Results: Of 483 patients included in the analysis, 95 (19.7%) showed HI and 21 (4.4%) had PH. Multiple logistic regression analysis identified treatment with alteplase (OR, 2.08 [95% CI, 1.28–3.40]), baseline NIHSS score (OR, 1.11 [95% CI, 1.05–1.17]), DWI lesion volume (OR, 1.03 [95% CI, 1.01–1.05]), baseline glucose levels (OR, 1.01 [95% CI, 1.00–1.01]) and atrial fibrillation (OR, 3.02 [95% CI, 1.57–5.80]) as predictors of any HT. The same parameters predicted HI. Predictors of PH were baseline NIHSS score (OR, 1.11 [95% CI, 1.01–1.22]) and as a trend treatment with alteplase (OR, 2.40 [95% CI, 0.93–6.96]). PH was associated with lower odds of favorable outcome (OR 0.25, 95% [CI 0.05–0.86]), while HI was not.

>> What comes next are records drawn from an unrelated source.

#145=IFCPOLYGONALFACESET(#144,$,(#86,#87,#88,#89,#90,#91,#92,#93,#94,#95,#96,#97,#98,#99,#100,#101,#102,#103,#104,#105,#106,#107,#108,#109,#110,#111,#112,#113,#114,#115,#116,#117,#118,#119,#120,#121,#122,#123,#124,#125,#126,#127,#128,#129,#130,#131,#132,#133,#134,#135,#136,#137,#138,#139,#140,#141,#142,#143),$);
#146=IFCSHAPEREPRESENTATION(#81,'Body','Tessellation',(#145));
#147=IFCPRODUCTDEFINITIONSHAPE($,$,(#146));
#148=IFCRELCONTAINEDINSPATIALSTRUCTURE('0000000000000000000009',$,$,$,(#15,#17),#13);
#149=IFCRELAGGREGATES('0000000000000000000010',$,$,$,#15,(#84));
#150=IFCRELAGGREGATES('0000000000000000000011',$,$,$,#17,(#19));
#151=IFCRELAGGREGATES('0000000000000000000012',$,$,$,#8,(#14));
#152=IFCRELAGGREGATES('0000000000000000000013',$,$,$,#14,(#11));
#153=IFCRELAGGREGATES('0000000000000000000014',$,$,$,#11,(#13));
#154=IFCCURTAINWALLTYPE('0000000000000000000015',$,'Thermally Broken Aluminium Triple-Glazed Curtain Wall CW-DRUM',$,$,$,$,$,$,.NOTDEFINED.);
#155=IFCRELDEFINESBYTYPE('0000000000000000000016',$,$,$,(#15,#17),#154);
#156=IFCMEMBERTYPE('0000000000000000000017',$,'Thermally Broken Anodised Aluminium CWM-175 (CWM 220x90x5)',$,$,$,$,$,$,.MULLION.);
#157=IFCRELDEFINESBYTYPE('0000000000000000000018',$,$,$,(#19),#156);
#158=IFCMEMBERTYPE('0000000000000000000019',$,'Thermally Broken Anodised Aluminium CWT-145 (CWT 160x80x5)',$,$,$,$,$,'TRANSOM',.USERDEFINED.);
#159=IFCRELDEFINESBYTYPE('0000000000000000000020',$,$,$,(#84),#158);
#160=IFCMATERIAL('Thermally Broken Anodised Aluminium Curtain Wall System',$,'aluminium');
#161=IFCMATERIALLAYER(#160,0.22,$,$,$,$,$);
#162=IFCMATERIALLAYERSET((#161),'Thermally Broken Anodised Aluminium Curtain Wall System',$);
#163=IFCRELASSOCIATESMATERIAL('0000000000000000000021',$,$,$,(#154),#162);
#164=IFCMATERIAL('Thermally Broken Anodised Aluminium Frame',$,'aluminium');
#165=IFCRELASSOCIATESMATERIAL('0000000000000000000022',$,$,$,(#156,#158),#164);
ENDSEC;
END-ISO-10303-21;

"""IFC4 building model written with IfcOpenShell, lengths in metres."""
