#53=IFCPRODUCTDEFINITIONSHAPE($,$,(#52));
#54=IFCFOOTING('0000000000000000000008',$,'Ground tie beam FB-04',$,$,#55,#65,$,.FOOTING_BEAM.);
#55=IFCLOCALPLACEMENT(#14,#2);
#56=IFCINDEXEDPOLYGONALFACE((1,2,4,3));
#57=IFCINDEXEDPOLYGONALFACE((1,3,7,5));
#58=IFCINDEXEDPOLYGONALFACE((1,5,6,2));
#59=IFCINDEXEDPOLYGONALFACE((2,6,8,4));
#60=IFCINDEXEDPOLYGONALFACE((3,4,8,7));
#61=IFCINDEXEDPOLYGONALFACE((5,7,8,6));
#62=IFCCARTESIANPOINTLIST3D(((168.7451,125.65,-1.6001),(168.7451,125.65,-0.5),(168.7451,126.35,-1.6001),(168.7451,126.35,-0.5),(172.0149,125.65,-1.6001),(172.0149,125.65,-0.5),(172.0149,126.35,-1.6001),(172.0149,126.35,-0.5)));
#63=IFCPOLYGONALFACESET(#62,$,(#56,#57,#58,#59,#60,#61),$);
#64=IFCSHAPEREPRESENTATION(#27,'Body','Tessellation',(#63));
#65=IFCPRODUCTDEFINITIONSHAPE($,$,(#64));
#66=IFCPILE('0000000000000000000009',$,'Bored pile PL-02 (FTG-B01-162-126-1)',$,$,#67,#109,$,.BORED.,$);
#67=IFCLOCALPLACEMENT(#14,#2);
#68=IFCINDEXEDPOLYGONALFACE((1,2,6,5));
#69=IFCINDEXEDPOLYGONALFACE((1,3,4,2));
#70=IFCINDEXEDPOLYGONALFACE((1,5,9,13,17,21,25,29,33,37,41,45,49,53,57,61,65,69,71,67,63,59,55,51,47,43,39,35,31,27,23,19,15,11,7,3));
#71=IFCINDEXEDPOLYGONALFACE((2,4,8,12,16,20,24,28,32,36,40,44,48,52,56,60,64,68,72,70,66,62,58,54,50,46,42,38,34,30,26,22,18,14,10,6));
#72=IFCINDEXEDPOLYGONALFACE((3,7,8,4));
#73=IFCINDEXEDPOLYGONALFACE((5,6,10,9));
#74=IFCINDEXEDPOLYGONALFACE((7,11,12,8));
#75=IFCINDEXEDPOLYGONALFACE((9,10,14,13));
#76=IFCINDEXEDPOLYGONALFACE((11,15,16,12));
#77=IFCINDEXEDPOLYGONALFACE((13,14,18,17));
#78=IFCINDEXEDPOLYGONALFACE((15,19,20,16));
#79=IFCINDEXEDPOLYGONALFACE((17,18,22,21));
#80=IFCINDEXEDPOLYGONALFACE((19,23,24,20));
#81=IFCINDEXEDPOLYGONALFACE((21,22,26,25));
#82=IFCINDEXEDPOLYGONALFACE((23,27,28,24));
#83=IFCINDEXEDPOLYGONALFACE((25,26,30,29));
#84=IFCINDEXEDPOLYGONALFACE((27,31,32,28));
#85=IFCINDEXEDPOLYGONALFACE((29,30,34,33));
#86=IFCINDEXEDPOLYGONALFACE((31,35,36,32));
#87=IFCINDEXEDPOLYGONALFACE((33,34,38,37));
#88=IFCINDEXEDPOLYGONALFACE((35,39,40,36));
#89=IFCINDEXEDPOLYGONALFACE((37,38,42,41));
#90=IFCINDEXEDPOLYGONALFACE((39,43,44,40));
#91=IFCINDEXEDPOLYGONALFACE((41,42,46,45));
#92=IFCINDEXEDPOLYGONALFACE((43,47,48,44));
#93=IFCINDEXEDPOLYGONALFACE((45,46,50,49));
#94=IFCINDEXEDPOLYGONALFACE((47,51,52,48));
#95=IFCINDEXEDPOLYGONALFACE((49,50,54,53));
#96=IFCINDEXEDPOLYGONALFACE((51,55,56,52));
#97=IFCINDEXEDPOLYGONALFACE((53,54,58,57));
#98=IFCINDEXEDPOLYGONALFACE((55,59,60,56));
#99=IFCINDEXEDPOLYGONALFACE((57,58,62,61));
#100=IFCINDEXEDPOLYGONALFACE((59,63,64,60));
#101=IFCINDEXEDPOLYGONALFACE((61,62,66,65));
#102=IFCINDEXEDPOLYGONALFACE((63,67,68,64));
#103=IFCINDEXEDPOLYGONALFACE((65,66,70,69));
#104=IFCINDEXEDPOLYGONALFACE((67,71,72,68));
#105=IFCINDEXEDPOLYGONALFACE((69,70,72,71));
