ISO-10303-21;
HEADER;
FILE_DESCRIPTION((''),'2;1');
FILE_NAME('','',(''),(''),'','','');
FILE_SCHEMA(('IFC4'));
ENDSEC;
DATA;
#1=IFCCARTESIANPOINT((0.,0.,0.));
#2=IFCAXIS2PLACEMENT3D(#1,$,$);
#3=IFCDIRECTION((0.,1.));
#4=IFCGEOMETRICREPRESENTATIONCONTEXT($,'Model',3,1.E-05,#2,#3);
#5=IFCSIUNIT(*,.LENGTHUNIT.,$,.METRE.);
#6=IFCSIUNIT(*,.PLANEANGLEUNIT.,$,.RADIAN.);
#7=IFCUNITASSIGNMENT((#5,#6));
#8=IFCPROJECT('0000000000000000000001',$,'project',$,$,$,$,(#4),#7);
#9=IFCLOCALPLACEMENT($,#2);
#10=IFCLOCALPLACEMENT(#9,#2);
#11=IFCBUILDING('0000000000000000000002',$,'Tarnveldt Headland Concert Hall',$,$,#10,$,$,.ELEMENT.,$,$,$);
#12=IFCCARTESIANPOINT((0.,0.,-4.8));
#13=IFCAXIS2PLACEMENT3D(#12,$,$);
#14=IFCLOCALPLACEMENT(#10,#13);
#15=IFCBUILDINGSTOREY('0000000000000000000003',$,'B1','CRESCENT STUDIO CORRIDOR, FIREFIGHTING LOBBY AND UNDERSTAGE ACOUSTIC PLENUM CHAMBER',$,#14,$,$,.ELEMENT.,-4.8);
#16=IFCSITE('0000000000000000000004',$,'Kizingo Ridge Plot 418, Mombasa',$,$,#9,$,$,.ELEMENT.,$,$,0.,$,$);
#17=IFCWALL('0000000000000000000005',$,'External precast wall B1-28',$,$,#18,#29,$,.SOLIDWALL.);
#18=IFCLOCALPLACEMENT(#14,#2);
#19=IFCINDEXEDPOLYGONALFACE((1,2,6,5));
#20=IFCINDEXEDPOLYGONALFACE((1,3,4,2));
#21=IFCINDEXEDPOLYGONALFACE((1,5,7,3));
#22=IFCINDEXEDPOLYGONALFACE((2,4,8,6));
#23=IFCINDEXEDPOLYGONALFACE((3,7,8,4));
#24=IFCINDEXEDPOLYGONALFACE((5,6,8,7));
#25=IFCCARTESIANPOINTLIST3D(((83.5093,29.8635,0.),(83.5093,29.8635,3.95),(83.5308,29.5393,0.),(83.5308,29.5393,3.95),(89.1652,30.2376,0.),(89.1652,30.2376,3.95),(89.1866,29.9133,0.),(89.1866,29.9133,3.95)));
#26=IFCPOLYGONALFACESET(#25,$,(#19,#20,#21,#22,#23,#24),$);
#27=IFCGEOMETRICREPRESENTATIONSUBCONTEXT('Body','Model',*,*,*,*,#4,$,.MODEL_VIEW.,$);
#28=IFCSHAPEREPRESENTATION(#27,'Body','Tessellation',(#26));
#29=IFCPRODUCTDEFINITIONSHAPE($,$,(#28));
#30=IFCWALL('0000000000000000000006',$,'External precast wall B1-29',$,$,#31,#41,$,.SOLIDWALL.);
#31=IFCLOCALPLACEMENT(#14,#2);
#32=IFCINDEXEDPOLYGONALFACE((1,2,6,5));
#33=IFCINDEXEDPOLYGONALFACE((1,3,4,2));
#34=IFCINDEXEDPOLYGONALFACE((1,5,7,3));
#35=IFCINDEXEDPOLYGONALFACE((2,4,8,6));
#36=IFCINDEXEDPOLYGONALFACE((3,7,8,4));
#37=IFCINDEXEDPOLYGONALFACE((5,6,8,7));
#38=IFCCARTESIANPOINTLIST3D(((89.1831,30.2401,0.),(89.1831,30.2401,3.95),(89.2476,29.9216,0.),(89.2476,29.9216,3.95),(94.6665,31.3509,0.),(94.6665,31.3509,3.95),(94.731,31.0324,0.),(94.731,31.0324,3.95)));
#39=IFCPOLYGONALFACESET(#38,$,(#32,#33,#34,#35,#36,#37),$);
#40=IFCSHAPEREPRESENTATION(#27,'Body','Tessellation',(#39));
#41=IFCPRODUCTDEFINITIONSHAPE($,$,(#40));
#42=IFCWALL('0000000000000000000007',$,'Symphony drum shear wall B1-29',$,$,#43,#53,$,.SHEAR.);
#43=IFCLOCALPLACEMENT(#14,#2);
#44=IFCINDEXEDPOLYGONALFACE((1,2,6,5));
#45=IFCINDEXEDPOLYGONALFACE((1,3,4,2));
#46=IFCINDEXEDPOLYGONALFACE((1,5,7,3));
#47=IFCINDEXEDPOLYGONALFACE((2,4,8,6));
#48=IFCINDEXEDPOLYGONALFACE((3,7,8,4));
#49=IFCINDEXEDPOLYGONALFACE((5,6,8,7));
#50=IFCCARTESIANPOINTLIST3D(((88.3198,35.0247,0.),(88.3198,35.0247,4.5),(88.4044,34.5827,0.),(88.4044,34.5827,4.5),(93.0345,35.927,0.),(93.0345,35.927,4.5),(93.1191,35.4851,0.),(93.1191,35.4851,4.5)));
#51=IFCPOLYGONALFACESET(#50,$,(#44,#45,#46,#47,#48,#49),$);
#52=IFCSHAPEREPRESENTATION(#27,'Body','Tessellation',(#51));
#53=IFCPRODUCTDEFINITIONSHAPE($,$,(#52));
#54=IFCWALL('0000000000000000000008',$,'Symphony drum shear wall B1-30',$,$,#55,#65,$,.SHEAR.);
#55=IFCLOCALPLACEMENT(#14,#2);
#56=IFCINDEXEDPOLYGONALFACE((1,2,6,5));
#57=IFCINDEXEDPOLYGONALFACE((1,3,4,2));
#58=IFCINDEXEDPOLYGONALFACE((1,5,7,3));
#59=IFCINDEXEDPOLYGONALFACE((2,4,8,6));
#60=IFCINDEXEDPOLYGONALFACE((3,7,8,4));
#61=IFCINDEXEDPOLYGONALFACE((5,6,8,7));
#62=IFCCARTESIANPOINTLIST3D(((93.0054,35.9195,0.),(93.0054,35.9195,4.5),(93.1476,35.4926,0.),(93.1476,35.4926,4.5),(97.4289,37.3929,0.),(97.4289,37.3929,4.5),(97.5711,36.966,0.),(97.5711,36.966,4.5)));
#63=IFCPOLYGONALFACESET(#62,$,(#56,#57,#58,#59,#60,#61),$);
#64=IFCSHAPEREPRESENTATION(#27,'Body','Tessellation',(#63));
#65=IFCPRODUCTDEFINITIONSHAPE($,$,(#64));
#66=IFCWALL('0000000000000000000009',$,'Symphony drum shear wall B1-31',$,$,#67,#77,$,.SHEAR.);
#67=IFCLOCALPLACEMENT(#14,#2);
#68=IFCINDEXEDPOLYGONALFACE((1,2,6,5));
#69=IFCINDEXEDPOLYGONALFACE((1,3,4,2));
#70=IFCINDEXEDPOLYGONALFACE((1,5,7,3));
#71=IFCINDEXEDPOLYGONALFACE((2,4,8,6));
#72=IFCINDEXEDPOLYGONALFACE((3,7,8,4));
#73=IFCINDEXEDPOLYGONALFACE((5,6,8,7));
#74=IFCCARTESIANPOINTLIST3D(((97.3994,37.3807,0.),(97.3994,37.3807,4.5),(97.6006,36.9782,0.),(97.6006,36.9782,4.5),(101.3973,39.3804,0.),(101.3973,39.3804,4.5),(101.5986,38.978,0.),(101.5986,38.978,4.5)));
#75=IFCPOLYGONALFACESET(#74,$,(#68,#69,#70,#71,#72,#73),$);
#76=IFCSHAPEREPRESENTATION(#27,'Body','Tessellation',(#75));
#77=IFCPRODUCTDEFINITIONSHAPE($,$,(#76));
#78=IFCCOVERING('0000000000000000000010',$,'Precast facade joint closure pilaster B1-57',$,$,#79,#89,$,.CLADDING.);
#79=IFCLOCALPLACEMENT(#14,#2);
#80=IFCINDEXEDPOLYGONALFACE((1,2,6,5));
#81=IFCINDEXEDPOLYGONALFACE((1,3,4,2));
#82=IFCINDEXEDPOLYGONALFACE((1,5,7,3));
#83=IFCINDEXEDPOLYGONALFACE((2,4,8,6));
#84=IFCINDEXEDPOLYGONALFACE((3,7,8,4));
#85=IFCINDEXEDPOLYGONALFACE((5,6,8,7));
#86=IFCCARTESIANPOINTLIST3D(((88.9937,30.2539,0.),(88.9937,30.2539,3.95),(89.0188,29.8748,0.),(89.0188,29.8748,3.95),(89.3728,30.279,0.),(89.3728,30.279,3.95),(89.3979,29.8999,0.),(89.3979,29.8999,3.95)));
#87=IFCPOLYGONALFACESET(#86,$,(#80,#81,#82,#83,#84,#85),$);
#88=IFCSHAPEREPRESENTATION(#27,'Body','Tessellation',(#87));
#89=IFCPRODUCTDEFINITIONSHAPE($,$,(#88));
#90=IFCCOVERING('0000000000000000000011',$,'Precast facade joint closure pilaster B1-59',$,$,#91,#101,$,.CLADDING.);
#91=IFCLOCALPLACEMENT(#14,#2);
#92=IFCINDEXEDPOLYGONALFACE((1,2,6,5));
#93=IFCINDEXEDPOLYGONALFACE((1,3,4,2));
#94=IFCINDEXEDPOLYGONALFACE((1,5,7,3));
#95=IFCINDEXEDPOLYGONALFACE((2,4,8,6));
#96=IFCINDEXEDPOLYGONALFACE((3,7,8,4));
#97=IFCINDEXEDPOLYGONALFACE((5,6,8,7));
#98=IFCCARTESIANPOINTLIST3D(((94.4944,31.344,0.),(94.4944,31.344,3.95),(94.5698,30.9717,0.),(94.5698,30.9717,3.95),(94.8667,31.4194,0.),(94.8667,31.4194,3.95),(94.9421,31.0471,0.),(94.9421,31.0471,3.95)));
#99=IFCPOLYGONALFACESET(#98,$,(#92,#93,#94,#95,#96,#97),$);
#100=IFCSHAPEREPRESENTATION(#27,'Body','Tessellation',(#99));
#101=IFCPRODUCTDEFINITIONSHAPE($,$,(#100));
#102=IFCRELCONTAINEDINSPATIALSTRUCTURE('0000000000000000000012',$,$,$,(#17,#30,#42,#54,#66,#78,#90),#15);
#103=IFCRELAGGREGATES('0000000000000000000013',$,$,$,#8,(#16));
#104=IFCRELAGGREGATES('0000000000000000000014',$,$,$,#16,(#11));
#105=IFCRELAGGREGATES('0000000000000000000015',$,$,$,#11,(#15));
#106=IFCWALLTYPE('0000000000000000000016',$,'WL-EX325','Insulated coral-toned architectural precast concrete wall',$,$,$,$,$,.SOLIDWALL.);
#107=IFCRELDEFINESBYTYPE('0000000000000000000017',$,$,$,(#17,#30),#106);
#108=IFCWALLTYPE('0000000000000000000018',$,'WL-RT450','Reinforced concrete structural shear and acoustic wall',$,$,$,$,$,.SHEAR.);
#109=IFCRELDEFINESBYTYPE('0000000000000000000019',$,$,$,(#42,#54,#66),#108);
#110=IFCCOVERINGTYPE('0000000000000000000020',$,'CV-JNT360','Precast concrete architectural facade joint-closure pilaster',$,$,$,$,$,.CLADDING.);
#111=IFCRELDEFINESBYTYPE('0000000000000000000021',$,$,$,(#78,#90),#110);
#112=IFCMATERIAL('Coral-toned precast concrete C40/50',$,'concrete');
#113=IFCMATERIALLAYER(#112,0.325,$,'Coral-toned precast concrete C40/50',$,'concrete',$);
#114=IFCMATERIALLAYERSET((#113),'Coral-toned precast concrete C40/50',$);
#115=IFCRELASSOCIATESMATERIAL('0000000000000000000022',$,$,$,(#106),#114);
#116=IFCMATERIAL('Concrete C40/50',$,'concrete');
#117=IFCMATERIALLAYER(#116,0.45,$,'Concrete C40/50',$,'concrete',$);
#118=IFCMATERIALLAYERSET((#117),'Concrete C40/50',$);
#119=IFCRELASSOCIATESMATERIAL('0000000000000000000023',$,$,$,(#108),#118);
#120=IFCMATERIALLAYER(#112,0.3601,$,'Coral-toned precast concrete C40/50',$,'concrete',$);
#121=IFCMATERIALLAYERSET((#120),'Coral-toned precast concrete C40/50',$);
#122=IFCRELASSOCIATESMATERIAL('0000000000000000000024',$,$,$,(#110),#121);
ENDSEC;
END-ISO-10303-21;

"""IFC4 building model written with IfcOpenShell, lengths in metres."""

from ifc_helpers import new_model, si_unit, direction, frame, frame_2d, origin, origin_2d, place, context, subcontext, project, spatial, rectangle, extrude, material, layer, layer_set, type_object, element, save


model = new_model("IFC4")

# Units and contexts
model_context = context("Model", 3, precision=1e-05, world=origin(), true_north=direction((0.0, 1.0)))
body_context = subcontext(model_context, "Body", "Model", "MODEL_VIEW")
ifc_project = project(units=[si_unit("LENGTHUNIT", "METRE"), si_unit("PLANEANGLEUNIT", "RADIAN")], contexts=[model_context])

# Site, building, storey
site_placement = place(None, origin())
site = spatial("IfcSite", under=ifc_project, at=site_placement, Name="Kizingo Ridge Plot 418, Mombasa", CompositionType="ELEMENT", RefElevation=0.0)
building_placement = place(site_placement, origin())
building = spatial("IfcBuilding", under=site, at=building_placement, Name="Tarnveldt Headland Concert Hall", CompositionType="ELEMENT")
storey_placement = place(building_placement, frame((0.0, 0.0, -4.8)))
storey = spatial("IfcBuildingStorey", under=building, at=storey_placement, Name="B1", Description="CRESCENT STUDIO CORRIDOR, FIREFIGHTING LOBBY AND UNDERSTAGE ACOUSTIC PLENUM CHAMBER", CompositionType="ELEMENT", Elevation=-4.8)

# Shared definitions
ifc_material_1 = material(Name="Concrete C40/50", Category="concrete")

# Walls
ifc_material_2 = material(Name="Coral-toned precast concrete C40/50", Category="concrete")
ifc_layer_1 = layer(ifc_material_2, 0.325, Name="Coral-toned precast concrete C40/50", Category="concrete")
ifc_layer_set_1 = layer_set([ifc_layer_1], Name="Coral-toned precast concrete C40/50")
wall_type_1 = type_object("IfcWallType", Name="WL-EX325", Description="Insulated coral-toned architectural precast concrete wall", PredefinedType="SOLIDWALL", material=ifc_layer_set_1)
wall_1_placement = place(storey_placement, frame((89.1758, 30.0754, 0.0), z_axis=(0.0, 0.0, 1.0), x_axis=(-0.99782, -0.065987, 0.0)))
element("IfcWall", 1, at=wall_1_placement, inside=storey, type_object=wall_type_1, Name="External precast wall B1-28", PredefinedType="SOLIDWALL", context=body_context, shape_type="SweptSolid", body=[
    extrude(rectangle(XDim=5.6682, YDim=0.325, at=frame_2d((2.834, 0.0))), origin(), (0.0, 0.0, 1.0), 3.95),
])
wall_2_placement = place(storey_placement, frame((94.6987, 31.1917, 0.0), z_axis=(0.0, 0.0, 1.0), x_axis=(-0.980091, -0.198549, 0.0)))
element("IfcWall", 2, at=wall_2_placement, inside=storey, type_object=wall_type_1, Name="External precast wall B1-29", PredefinedType="SOLIDWALL", context=body_context, shape_type="SweptSolid", body=[
    extrude(rectangle(XDim=5.5947, YDim=0.325, at=frame_2d((2.7974, 0.0))), origin(), (0.0, 0.0, 1.0), 3.95),
])
ifc_layer_2 = layer(ifc_material_1, 0.45, Name="Concrete C40/50", Category="concrete")
ifc_layer_set_2 = layer_set([ifc_layer_2], Name="Concrete C40/50")
wall_type_2 = type_object("IfcWallType", Name="WL-RT450", Description="Reinforced concrete structural shear and acoustic wall", PredefinedType="SHEAR", material=ifc_layer_set_2)
wall_3_placement = place(storey_placement, frame((88.3621, 34.8037, 0.0), z_axis=(0.0, 0.0, 1.0), x_axis=(0.982173, 0.187981, 0.0)))
element("IfcWall", 3, at=wall_3_placement, inside=storey, type_object=wall_type_2, Name="Symphony drum shear wall B1-29", PredefinedType="SHEAR", context=body_context, shape_type="SweptSolid", body=[
    extrude(rectangle(XDim=4.8003, YDim=0.45, at=frame_2d((2.4001, 0.0))), origin(), (0.0, 0.0, 1.0), 4.5),
])
wall_4_placement = place(storey_placement, frame((93.0767, 35.7061, 0.0), z_axis=(0.0, 0.0, 1.0), x_axis=(0.948751, 0.316024, 0.0)))
element("IfcWall", 4, at=wall_4_placement, inside=storey, type_object=wall_type_2, Name="Symphony drum shear wall B1-30", PredefinedType="SHEAR", context=body_context, shape_type="SweptSolid", body=[
    extrude(rectangle(XDim=4.6624, YDim=0.45, at=frame_2d((2.3311, 0.0))), origin(), (0.0, 0.0, 1.0), 4.5),
])
wall_5_placement = place(storey_placement, frame((97.5, 37.1794, 0.0), z_axis=(0.0, 0.0, 1.0), x_axis=(0.894362, 0.447345, 0.0)))
element("IfcWall", 5, at=wall_5_placement, inside=storey, type_object=wall_type_2, Name="Symphony drum shear wall B1-31", PredefinedType="SHEAR", context=body_context, shape_type="SweptSolid", body=[
    extrude(rectangle(XDim=4.4702, YDim=0.45, at=frame_2d((2.2351, 0.0))), origin(), (0.0, 0.0, 1.0), 4.5),
])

Conclusion: Our results indicate that HI is associated with stroke severity, cardiovascular risk factors and thrombolysis. PH is a rare complication, more frequent in severe stroke and with thrombolysis. In contrast to HI, PH is associated with worse functional outcome. The impact of HT after MRI-guided intravenous alteplase for unknown onset stroke on clinical outcome is similar as in the trials of stroke thrombolysis within a known early time-window.

Introduction

Hemorrhagic transformation (HT) represents an important complication of intravenous thrombolysis with alteplase for acute ischemic stroke. However, HT of ischemic stroke can show a wide range from small petechiae with no clinical impact to massive parenchymal hematoma with space-occupying effect associated with neurological deterioration. The following four subtypes of HT have been distinguished radiologically: hemorrhagic infarction type 1 (HI1; scattered small petechiae, no mass effect), hemorrhagic infarction type 2 (HI2; confluent petechiae, no mass effect), parenchymal hemorrhage type 1 (PH1; hematoma within infarcted tissue, occupying < 30%, no substantive mass effect) and parenchymal hemorrhage type 2 (PH2; hematoma occupying 30% or more of the infarcted tissue, with obvious mass effect) (1). In addition, intracerebral hemorrhage outside infarcted brain tissue or intracranial-extracerebral hemorrhage is considered a separate category, including subarachnoidal hemorrhage and subdural hematoma. The clinical significance of different types of HT after thrombolysis is a matter of debate (2). While there is no doubt that massive HT, meeting criteria of PH2, is likely to be associated with clinical worsening, mere hemorrhagic infarction (HI) may also be understood as a marker of successful recanalization into partially ischemic damage with no adverse clinical effect (3, 4). Previous work has suggested a different pathogenesis for HI and PH. While HI might be a clinically irrelevant epiphenomenon of ischemic damage and reperfusion, PH appears to be related to biological effects of alteplase and other pre-existing pathologic conditions and also carries the potential of clinical deterioration (4). At the same time, it is still uncertain how—if at all—patients at high risk of severe intracerebral hemorrhage after thrombolysis can be identified beforehand based on clinical or imaging characteristics. In the present study, our first objective was to identify possible clinical and imaging parameters that predict HT after acute ischemic stroke. Second, we aimed to study the functional outcome of patients with different types of HT to get further insights into the clinical significance of HT after intravenous thrombolysis.